Caso Juliana ousasse pensar em mencionar o nome da amiga, Rafael se rebelava de imediato, falando impropérios a respeito da dita cuja. Mas, chegava a ser chocante, tanto ódio não passava de paixão animalesca. Era tosco. Imundo. Podre. Vê-los dormindo após a possível selvageria anterior a indignava, do mesmo modo que a deixava petrificada na porta do quarto, sem fazer o mínimo ruído.

Com boca entreaberta, olhos arregalados, pele pálida e corpo imóvel, ela não cria na visão infernal. Pensou em sair dali, tentando anular aquilo de sua memória ou sabe-se lá o que… Ela não tinha ideia para onde ir, se deixaria a chave do apartamento dele em cima de uma mesinha na sala ou levaria consigo. Não conseguia nem chorar.

Ele se movimentou na cama, abraçou a garota ao seu lado e falou que a amava bem baixinho e carinhosamente ao pé do ouvido. Juliana arregalou os olhos e um grito saiu sem que percebesse. Os dois, afoitos e surpresos, pareciam caças e, vendo-a como um caçador cruel, ficaram sem reação. Ela também não disse nada. Apenas um tremor e uma lágrima solitária insistiam em demonstrar sua fraqueza. Não havia o que dizerem, já estava tudo concatenado. Todas as peças se encaixavam. Ela se virou, jogou a chave no chão e bateu a porta.

Juliana foi apenas vê-lo porque se sentia sozinha e havia muitos problemas para resolver. Não aguentava o fardo pesado e mais um, bem grande, caia sobre suas costas. A dor era forte demais.
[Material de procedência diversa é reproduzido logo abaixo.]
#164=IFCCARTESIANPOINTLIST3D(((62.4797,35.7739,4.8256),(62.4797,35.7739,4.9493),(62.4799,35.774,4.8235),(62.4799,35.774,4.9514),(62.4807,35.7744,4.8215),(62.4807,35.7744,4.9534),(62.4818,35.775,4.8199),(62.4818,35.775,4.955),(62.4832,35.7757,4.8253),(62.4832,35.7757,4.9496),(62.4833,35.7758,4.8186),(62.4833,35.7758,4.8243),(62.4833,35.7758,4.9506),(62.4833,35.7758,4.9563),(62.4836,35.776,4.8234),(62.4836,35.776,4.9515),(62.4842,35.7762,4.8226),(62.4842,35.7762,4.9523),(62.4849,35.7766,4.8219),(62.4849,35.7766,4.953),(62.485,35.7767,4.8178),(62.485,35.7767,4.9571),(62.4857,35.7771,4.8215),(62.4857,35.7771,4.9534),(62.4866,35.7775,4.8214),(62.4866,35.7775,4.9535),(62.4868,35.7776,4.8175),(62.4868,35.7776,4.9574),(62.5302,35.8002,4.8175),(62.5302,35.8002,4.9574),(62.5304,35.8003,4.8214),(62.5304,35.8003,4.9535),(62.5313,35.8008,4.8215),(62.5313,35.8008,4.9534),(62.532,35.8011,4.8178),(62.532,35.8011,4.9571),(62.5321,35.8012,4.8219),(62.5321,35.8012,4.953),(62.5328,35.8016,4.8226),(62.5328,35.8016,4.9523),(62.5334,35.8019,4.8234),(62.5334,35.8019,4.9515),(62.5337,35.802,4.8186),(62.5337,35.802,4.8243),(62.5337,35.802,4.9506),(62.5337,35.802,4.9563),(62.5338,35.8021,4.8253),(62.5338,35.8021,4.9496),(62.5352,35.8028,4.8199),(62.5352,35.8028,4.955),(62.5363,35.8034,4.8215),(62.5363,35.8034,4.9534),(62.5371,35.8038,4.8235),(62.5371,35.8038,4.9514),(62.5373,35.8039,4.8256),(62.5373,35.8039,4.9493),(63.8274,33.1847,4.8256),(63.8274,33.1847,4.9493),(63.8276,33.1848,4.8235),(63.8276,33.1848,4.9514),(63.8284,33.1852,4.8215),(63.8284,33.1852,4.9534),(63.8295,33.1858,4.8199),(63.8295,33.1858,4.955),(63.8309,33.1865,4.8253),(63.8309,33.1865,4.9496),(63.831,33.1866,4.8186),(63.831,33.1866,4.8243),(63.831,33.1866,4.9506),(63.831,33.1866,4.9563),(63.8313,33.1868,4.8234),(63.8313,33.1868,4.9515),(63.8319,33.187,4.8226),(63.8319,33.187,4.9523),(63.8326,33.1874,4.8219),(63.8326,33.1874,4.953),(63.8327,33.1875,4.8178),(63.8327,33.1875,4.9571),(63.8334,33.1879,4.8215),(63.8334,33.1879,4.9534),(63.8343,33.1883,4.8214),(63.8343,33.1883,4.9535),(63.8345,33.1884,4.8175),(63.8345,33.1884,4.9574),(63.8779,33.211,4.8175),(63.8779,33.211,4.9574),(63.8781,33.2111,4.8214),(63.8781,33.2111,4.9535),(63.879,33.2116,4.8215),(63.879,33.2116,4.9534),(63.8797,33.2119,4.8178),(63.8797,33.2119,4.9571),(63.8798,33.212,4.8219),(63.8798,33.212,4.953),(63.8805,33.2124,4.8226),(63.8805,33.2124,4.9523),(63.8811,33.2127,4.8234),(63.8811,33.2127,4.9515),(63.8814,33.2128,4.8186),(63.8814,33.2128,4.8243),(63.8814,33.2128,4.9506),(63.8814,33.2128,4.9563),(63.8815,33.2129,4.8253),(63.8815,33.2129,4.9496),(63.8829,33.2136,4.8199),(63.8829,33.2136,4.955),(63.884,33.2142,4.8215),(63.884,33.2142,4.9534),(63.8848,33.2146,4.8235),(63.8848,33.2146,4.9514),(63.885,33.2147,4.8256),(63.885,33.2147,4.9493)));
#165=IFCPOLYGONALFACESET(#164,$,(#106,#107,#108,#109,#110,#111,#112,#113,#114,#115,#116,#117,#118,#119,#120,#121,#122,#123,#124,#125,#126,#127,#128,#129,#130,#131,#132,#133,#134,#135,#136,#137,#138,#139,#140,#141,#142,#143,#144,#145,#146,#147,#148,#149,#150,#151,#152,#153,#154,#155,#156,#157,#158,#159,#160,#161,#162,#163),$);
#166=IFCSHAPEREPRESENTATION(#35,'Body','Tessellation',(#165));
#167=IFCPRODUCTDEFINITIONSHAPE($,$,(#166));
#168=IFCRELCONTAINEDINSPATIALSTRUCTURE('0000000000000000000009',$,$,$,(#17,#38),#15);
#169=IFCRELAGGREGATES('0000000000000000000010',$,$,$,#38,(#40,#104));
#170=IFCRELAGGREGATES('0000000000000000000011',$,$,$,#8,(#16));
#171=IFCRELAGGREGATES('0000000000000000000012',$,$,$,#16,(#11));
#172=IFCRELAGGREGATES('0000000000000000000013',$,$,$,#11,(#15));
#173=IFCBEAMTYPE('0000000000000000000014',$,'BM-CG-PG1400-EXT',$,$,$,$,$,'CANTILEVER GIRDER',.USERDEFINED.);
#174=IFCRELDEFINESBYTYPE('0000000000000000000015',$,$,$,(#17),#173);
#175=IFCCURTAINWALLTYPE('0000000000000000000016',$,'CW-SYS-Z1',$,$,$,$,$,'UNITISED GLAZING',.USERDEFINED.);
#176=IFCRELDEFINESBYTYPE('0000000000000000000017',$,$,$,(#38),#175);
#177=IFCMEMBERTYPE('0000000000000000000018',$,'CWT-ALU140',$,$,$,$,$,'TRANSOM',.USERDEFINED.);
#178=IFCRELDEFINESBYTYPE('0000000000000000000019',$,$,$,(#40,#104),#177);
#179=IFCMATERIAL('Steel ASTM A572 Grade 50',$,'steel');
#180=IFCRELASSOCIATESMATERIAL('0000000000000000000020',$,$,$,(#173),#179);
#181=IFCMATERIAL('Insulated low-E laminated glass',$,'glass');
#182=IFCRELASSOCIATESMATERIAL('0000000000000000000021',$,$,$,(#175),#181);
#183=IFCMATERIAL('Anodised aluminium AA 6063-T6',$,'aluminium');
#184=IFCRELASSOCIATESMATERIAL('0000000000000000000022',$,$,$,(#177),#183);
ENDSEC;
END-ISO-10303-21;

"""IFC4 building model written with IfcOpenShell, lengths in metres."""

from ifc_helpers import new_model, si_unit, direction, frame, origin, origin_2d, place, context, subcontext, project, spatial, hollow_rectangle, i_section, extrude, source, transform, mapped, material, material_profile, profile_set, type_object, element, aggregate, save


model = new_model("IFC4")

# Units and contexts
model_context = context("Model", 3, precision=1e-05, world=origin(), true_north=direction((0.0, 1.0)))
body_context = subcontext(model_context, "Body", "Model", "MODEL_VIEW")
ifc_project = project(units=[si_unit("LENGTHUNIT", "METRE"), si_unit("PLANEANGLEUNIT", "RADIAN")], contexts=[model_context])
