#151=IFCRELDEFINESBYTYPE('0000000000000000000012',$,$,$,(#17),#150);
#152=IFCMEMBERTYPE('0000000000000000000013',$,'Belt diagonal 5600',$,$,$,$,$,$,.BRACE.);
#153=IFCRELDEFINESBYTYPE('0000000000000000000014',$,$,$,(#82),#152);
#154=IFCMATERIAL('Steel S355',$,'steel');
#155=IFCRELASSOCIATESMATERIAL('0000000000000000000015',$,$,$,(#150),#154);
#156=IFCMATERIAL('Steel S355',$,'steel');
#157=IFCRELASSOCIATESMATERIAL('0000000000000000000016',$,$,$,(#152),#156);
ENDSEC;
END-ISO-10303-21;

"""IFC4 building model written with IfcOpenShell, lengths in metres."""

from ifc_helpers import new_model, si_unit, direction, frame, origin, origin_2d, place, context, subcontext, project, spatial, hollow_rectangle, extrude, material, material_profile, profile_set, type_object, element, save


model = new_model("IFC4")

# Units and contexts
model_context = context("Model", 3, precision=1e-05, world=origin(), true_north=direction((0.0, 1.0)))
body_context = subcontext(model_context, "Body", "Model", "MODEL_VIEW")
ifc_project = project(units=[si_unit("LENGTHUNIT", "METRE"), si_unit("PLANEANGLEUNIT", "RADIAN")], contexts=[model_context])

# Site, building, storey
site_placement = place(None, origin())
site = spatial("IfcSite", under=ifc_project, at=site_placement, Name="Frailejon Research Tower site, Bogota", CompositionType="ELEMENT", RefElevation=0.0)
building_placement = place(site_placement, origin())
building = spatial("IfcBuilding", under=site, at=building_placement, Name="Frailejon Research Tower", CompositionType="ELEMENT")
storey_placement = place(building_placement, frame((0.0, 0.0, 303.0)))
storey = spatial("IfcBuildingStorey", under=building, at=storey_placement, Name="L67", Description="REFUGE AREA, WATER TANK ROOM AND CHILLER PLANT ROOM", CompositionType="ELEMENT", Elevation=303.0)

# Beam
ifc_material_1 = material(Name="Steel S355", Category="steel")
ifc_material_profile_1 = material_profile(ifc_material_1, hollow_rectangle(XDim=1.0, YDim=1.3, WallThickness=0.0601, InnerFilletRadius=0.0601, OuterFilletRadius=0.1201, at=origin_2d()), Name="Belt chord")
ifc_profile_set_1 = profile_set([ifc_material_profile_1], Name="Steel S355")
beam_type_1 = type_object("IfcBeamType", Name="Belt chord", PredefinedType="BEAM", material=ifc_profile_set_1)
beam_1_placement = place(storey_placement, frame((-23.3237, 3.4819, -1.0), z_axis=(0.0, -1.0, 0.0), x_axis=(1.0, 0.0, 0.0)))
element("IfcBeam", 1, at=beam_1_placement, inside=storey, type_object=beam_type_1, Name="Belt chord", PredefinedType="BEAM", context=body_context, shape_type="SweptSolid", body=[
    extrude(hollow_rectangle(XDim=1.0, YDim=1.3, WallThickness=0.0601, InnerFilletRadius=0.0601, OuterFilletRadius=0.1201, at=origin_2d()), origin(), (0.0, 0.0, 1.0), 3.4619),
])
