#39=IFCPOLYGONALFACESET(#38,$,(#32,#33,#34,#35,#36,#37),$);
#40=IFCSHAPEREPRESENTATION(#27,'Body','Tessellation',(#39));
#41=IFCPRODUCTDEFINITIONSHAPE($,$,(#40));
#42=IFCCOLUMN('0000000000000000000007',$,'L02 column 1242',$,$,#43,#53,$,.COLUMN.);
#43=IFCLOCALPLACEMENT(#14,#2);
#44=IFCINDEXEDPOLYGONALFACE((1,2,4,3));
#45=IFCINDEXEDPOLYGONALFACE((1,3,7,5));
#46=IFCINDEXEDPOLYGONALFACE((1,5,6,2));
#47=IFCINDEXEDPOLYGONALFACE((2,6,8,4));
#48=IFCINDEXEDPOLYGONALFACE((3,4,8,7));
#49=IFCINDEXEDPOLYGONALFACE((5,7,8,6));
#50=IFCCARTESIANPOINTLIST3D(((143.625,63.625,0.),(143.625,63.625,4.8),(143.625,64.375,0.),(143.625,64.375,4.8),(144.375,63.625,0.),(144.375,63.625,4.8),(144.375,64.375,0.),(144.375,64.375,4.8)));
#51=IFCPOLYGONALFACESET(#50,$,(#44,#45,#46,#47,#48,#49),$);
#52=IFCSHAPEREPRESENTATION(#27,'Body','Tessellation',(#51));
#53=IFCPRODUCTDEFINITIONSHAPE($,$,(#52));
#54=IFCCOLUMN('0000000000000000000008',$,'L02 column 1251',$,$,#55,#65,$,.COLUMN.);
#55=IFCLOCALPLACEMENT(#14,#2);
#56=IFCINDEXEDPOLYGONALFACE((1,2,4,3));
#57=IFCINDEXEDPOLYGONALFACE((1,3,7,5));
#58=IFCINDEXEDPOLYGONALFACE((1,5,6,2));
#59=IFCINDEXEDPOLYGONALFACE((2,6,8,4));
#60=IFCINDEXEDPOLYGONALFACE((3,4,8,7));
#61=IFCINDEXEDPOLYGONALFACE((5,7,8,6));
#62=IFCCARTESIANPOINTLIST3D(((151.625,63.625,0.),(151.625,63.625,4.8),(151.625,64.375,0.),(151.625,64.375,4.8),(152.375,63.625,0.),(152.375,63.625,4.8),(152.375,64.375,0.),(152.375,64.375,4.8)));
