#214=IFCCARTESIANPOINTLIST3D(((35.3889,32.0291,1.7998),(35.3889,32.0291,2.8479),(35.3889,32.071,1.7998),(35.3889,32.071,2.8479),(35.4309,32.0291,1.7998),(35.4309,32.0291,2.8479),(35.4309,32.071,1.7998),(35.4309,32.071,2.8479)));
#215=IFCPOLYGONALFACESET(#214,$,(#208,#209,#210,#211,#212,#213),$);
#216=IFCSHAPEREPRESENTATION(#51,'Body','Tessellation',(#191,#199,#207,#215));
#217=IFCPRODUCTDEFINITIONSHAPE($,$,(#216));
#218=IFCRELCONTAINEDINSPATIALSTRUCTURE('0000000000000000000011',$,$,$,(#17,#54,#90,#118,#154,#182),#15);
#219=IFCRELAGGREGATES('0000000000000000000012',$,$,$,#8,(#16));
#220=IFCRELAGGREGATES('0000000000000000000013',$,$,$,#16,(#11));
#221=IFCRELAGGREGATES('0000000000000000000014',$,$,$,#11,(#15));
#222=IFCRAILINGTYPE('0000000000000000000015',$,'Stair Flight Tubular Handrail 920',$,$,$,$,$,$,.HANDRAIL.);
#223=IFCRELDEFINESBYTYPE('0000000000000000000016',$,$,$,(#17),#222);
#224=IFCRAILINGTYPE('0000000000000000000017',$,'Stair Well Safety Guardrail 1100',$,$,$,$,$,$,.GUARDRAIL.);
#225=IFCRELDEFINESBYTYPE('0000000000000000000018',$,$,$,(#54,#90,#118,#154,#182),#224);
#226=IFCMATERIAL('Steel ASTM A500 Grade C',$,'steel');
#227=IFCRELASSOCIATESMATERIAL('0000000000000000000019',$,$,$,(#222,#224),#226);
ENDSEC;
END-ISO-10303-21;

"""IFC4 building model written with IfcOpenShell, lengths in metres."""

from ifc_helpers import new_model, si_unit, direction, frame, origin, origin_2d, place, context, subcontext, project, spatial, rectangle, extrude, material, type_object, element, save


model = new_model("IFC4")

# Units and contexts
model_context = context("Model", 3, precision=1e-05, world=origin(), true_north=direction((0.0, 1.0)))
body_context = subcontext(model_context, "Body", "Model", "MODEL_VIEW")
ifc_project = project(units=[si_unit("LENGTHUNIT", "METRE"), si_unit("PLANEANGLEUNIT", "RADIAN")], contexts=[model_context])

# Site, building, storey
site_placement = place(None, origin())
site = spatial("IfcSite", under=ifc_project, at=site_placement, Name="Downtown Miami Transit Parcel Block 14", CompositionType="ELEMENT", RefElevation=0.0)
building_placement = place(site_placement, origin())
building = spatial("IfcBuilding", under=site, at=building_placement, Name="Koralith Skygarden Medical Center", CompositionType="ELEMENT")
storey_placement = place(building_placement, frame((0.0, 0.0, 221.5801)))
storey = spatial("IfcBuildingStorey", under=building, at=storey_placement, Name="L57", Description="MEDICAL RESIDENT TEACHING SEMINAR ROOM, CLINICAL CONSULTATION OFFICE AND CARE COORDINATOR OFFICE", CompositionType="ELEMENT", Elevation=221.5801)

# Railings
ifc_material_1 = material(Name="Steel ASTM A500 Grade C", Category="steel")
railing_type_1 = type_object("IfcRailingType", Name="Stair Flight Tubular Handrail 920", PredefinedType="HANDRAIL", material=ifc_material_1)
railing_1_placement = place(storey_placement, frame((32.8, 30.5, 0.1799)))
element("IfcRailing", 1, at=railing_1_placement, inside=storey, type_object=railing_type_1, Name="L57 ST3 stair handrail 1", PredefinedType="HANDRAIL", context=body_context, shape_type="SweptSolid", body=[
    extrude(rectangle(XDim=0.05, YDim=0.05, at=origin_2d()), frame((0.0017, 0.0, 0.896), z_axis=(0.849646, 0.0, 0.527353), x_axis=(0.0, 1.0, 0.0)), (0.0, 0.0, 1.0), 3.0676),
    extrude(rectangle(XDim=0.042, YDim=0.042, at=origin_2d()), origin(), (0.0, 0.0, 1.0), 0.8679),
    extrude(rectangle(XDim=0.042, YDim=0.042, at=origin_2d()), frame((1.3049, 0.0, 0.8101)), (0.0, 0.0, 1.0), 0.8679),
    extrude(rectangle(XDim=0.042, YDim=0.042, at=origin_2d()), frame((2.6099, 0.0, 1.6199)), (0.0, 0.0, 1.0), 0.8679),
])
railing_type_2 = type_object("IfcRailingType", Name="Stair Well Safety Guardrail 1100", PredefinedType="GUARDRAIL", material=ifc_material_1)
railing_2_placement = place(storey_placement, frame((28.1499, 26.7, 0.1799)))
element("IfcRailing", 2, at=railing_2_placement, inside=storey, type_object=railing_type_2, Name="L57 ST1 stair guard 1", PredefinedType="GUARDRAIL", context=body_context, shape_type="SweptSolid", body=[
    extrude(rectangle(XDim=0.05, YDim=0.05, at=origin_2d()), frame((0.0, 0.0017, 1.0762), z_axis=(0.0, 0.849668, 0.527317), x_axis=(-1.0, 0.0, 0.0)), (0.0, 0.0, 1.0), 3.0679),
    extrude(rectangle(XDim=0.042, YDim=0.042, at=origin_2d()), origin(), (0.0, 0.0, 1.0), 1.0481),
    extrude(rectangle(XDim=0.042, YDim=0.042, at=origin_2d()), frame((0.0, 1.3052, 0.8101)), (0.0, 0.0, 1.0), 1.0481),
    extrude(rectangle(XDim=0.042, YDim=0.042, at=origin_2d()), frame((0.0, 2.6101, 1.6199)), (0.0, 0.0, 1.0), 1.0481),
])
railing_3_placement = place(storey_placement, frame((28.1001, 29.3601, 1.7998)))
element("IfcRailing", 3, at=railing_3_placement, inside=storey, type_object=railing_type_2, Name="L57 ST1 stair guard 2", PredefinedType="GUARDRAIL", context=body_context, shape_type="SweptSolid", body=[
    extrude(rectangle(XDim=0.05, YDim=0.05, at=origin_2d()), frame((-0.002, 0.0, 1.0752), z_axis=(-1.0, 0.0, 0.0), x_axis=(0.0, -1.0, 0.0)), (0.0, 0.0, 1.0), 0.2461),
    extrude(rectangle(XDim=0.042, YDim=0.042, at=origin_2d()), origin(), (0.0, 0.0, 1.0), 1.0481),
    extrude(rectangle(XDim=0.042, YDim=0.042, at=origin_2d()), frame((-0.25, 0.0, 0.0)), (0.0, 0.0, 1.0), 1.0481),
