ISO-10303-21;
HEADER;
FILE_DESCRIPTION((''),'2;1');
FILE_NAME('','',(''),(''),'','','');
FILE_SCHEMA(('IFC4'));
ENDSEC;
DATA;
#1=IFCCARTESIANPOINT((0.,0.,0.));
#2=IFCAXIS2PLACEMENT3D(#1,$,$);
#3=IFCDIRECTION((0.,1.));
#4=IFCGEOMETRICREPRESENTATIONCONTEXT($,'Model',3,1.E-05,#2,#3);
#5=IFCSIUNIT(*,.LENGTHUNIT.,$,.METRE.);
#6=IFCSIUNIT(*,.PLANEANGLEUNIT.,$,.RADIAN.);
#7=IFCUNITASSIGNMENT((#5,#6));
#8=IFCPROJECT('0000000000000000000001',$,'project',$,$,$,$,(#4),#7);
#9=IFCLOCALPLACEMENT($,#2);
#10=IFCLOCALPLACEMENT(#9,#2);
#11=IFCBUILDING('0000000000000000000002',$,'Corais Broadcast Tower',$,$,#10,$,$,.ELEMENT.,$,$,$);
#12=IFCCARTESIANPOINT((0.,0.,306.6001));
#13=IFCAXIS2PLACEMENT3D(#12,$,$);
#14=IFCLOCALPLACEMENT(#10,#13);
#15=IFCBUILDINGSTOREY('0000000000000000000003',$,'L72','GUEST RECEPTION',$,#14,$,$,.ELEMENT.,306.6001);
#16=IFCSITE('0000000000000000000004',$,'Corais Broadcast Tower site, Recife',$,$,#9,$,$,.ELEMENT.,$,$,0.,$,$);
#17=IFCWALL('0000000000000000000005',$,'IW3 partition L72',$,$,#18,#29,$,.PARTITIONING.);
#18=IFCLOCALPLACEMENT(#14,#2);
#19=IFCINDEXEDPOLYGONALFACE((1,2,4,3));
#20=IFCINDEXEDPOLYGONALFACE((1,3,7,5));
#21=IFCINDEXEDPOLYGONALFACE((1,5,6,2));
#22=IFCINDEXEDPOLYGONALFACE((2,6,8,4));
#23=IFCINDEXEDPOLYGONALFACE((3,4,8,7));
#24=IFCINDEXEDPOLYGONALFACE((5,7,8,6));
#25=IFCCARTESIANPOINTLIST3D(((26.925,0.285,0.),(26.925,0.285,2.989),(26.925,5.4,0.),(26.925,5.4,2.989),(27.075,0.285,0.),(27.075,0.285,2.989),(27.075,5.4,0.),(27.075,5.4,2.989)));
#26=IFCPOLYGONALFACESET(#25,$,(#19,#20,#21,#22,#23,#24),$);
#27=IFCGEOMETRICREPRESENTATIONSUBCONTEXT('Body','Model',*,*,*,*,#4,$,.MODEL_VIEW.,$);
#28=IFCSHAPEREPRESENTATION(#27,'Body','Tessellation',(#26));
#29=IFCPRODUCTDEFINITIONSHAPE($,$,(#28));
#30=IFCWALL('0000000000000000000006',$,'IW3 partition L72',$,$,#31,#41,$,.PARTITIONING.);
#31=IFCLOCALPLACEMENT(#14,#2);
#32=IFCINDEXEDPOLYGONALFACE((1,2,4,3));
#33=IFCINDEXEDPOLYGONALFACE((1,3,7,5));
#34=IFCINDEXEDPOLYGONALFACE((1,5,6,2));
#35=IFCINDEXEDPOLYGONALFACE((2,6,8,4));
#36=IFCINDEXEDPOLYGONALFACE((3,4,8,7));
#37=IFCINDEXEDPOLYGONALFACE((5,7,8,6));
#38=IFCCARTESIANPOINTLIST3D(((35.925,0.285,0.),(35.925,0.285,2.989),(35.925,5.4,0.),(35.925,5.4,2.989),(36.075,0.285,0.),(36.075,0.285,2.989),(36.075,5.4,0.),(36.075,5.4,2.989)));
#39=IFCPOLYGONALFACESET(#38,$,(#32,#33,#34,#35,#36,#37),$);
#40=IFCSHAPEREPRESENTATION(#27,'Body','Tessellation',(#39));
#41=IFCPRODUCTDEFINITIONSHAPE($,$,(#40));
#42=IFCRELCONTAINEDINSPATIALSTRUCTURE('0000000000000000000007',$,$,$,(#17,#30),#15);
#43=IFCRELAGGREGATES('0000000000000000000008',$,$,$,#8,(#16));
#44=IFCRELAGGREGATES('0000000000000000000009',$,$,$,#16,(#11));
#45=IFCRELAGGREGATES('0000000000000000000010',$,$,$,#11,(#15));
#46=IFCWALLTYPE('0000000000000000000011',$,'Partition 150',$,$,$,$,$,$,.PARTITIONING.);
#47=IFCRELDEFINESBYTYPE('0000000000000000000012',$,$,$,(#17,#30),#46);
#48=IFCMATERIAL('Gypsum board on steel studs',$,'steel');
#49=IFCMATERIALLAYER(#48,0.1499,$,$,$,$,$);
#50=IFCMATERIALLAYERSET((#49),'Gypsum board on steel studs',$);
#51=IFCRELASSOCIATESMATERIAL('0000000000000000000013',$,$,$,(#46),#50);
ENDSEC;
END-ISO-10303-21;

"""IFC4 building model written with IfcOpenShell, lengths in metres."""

from ifc_helpers import new_model, si_unit, direction, frame, frame_2d, origin, place, context, subcontext, project, spatial, rectangle, extrude, material, layer, layer_set, type_object, element, save


model = new_model("IFC4")

# Units and contexts
model_context = context("Model", 3, precision=1e-05, world=origin(), true_north=direction((0.0, 1.0)))
body_context = subcontext(model_context, "Body", "Model", "MODEL_VIEW")
ifc_project = project(units=[si_unit("LENGTHUNIT", "METRE"), si_unit("PLANEANGLEUNIT", "RADIAN")], contexts=[model_context])

# Site, building, storey
site_placement = place(None, origin())
site = spatial("IfcSite", under=ifc_project, at=site_placement, Name="Corais Broadcast Tower site, Recife", CompositionType="ELEMENT", RefElevation=0.0)
building_placement = place(site_placement, origin())
building = spatial("IfcBuilding", under=site, at=building_placement, Name="Corais Broadcast Tower", CompositionType="ELEMENT")
storey_placement = place(building_placement, frame((0.0, 0.0, 306.6001)))
storey = spatial("IfcBuildingStorey", under=building, at=storey_placement, Name="L72", Description="GUEST RECEPTION", CompositionType="ELEMENT", Elevation=306.6001)

# Walls
ifc_material_1 = material(Name="Gypsum board on steel studs", Category="steel")
ifc_layer_1 = layer(ifc_material_1, 0.1499)
ifc_layer_set_1 = layer_set([ifc_layer_1], Name="Gypsum board on steel studs")
wall_type = type_object("IfcWallType", Name="Partition 150", PredefinedType="PARTITIONING", material=ifc_layer_set_1)
for number, where, z_axis, x_axis, name in (
    (1, (27.0, 0.2849, 0.0), (0.0, 0.0, 1.0), (0.0, 1.0, 0.0), "IW3 partition L72"),
    (2, (36.0, 0.2849, 0.0), (0.0, 0.0, 1.0), (0.0, 1.0, 0.0), "IW3 partition L72"),
):
    element("IfcWall", number, at=place(storey_placement, frame(where, z_axis=z_axis, x_axis=x_axis)), inside=storey, type_object=wall_type, Name=name, PredefinedType="PARTITIONING", context=body_context, shape_type="SweptSolid", body=[
        extrude(rectangle(XDim=5.115, YDim=0.1499, at=frame_2d((2.5576, 0.0))), origin(), (0.0, 0.0, 1.0), 2.989),
    ])

save(model, "model.ifc")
Agora já estava sendo atendida pelo médico da família. Era uma consulta simples e de rotina. Foi pela obrigação. Ia deixar cancelar, mas resolveu não procrastinar novamente. Entrou na sala e o Dr. Miguel foi cumprimentá-la de imediato, sorrindo também com os olhos.

_ Bom dia! Ainda bem que apareceu! Vai fazer também o exame ou só a consulta? Já tem alguns anos que a senhorita não aparece por aqui!

_ Bom dia, doutor! Haja vista minha demora, farei o Papanicolau e a consulta também.

_ Perfeito. Importante cuidar da saúde. Fico feliz com sua presença. Quanto tempo que não faz o exame?

_ Nem lembro a última vez. Deve ter alguns bons anos.

_ Uns dois?

_ Uns cinco!

O doutor pareceu estarrecido e, enquanto a examinava e coletava a amostra ia conversando. Num dado momento parou. Ela se surpreendeu com a parada de supetão, sem nem ao menos terminar a frase.

_ O que houve?

Ele questionou se ela tinha sangramentos frequentes, ela assentiu. Perguntou se sentia dor ao urinar, durante o sexo ou na área pélvica e ela também confirmou, ao mesmo tempo em que se assustava. Percebendo seu desconforto, ele a explicou calmamente que havia identificado algumas alterações, entretanto seria necessário fazer uma biópsia para certificar se era tumor benigno ou maligno. Tirou todas as dúvidas que ela teve no momento e a acalmou momentaneamente.

Dias depois Juliana se encontrava na mesma sala com o resultado do exame. Recebendo a confirmação de ter câncer de colo de útero, várias coisas passaram por sua cabeça. O tratamento doloroso, a possível queda de seus cabelos, que por sinal eram sua paixão, o flagra da traição do seu então namorado e sua então melhor amiga, os problemas familiares e financeiros, dentre outras questões, se tornaram pequenos, ínfimos, em relação a necessidade de viver. Ela descobriu que viver é o que de fato importa e, por isso, não se ateria a minúcias.

 

NOTA

Segundo o Instituto Nacional de Câncer José de Alencar Gomes da Silva – INCA, o câncer do colo do útero, é causado pela infecção persistente por alguns tipos (chamados oncogênicos) do Papilomavírus Humano – HPV. A infecção genital por este vírus é muito frequente e, em alguns casos, podem ocorrer alterações celulares que poderão evoluir para o câncer. É o terceiro tumor mais frequente na população feminina, atrás do câncer de mama e do colorretal, e a quarta causa de morte de mulheres por câncer no Brasil.